Prefill/decode disaggregation#

Deploy LLMs with separated prefill and decode phases for better resource utilization and cost optimization.

Warning

This feature requires vLLM v1, which is the default engine. For legacy deployments using vLLM v0, upgrade to v1 first.

Prefill/decode disaggregation separates the prefill phase (processing input prompts) from the decode phase (generating tokens). This separation provides:

  • Independent optimization: You can optimize prefill separately from decode with different configurations.

  • Reduced interference: Prefill operations can interfere with decode operations and vice versa, degrading performance during unpredictable traffic spikes. Disaggregation removes this contention.
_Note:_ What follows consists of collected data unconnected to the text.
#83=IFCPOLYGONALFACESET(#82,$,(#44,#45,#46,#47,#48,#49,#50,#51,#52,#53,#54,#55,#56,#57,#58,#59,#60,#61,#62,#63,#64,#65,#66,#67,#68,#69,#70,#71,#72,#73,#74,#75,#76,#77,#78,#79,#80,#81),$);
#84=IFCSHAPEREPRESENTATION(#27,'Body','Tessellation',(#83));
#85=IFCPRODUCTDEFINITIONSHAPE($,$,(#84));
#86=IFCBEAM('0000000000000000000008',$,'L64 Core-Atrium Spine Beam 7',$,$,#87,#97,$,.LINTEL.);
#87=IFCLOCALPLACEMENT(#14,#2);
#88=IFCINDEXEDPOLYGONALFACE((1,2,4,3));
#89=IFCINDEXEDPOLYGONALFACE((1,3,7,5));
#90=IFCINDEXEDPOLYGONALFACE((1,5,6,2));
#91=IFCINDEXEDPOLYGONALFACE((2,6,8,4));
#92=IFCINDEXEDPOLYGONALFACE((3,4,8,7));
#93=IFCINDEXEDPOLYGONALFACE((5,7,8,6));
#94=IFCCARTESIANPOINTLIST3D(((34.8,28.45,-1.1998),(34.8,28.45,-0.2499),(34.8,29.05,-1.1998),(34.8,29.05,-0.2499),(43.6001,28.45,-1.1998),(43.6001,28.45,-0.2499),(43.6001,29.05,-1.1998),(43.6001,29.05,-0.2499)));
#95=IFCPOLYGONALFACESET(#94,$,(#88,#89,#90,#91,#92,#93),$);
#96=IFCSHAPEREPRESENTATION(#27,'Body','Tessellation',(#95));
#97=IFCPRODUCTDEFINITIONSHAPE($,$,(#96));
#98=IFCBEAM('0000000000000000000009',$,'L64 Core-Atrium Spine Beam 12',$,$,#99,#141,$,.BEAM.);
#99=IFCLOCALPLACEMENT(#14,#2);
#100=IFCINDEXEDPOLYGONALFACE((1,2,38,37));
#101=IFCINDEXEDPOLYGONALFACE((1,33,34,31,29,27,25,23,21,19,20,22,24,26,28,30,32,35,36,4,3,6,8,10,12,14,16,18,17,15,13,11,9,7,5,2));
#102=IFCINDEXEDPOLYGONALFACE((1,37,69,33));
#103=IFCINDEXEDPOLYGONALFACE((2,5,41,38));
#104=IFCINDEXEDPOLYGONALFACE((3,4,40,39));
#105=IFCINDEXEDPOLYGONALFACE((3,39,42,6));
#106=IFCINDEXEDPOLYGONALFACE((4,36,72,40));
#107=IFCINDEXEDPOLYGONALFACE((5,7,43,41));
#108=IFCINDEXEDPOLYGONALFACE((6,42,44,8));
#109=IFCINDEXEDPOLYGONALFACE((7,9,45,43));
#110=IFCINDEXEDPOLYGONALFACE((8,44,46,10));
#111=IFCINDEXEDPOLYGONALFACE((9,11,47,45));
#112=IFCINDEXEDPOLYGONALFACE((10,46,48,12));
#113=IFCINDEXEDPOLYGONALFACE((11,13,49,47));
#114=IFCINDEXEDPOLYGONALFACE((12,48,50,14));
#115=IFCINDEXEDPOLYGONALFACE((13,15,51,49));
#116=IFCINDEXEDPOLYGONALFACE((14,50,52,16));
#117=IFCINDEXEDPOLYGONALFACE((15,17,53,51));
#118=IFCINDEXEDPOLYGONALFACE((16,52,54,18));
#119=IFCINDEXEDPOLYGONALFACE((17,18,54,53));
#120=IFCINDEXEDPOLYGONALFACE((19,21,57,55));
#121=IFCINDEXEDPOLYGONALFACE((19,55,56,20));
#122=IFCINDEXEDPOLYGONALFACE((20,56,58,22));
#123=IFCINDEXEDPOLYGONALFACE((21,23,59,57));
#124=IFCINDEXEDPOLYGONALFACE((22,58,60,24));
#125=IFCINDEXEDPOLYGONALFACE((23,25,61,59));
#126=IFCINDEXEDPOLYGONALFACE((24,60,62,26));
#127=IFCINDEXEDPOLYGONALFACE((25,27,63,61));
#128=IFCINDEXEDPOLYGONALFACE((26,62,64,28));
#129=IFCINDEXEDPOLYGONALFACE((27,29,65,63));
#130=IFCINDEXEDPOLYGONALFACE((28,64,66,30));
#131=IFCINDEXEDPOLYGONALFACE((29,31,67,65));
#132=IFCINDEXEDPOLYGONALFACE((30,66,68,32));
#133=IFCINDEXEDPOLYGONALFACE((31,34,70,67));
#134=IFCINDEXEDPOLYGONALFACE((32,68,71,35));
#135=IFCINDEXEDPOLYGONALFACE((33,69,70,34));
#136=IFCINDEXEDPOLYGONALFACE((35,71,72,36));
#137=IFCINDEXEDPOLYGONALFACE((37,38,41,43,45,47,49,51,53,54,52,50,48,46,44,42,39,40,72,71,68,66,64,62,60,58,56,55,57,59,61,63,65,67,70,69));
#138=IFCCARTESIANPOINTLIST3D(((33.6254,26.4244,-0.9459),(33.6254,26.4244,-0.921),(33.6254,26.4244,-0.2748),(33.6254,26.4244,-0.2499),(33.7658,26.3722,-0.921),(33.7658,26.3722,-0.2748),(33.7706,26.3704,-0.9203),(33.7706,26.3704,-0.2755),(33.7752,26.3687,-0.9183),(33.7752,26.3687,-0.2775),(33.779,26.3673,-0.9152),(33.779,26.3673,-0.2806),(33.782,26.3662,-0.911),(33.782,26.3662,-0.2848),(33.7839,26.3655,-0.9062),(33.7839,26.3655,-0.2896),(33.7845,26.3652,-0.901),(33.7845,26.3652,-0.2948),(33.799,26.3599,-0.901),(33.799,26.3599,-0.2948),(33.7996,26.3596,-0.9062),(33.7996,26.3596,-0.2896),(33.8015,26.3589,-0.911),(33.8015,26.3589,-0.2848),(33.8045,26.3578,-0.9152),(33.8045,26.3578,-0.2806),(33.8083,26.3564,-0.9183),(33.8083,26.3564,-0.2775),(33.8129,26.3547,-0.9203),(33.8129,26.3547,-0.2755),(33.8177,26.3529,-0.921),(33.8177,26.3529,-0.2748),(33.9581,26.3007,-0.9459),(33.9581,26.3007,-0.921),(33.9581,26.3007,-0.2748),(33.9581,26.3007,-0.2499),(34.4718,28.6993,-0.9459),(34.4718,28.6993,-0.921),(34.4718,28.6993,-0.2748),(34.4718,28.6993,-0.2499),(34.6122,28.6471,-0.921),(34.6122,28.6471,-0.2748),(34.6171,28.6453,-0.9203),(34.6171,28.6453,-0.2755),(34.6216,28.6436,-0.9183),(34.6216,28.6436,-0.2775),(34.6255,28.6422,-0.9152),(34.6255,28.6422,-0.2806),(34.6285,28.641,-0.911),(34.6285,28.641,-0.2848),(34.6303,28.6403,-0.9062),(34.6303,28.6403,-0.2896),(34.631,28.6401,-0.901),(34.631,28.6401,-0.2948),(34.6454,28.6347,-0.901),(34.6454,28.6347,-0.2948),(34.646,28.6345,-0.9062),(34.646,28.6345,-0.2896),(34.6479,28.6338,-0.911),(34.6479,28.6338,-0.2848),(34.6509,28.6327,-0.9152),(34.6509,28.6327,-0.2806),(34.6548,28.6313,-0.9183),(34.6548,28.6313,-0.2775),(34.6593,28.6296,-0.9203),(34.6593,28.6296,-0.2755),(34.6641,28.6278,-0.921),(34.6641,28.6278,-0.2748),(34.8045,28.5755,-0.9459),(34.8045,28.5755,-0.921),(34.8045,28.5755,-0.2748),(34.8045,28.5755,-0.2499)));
  • Independent scaling: You can scale each phase independently based on demand.

  • Cost optimization: You can use different node types for different workloads, taking advantage of heterogeneous clusters.

vLLM provides several KV transfer backends for disaggregated serving:

  1. NIXLConnector: Network-based KV cache transfer using NVIDIA Inference Xfer Library (NIXL) with support for various backends such as UCX, libfabric, and EFA. Simple setup with minimal configuration.

  2. LMCacheConnectorV1: Advanced caching solution with support for various storage backends, including integration with NIXL.

When to use prefill/decode disaggregation#

Consider this pattern when:

  • You have variable workload patterns with different resource needs for prefill vs decode.

  • You want to optimize costs by using different hardware for different phases.

  • Your application has high throughput requirements that benefit from decoupling prefill and decode.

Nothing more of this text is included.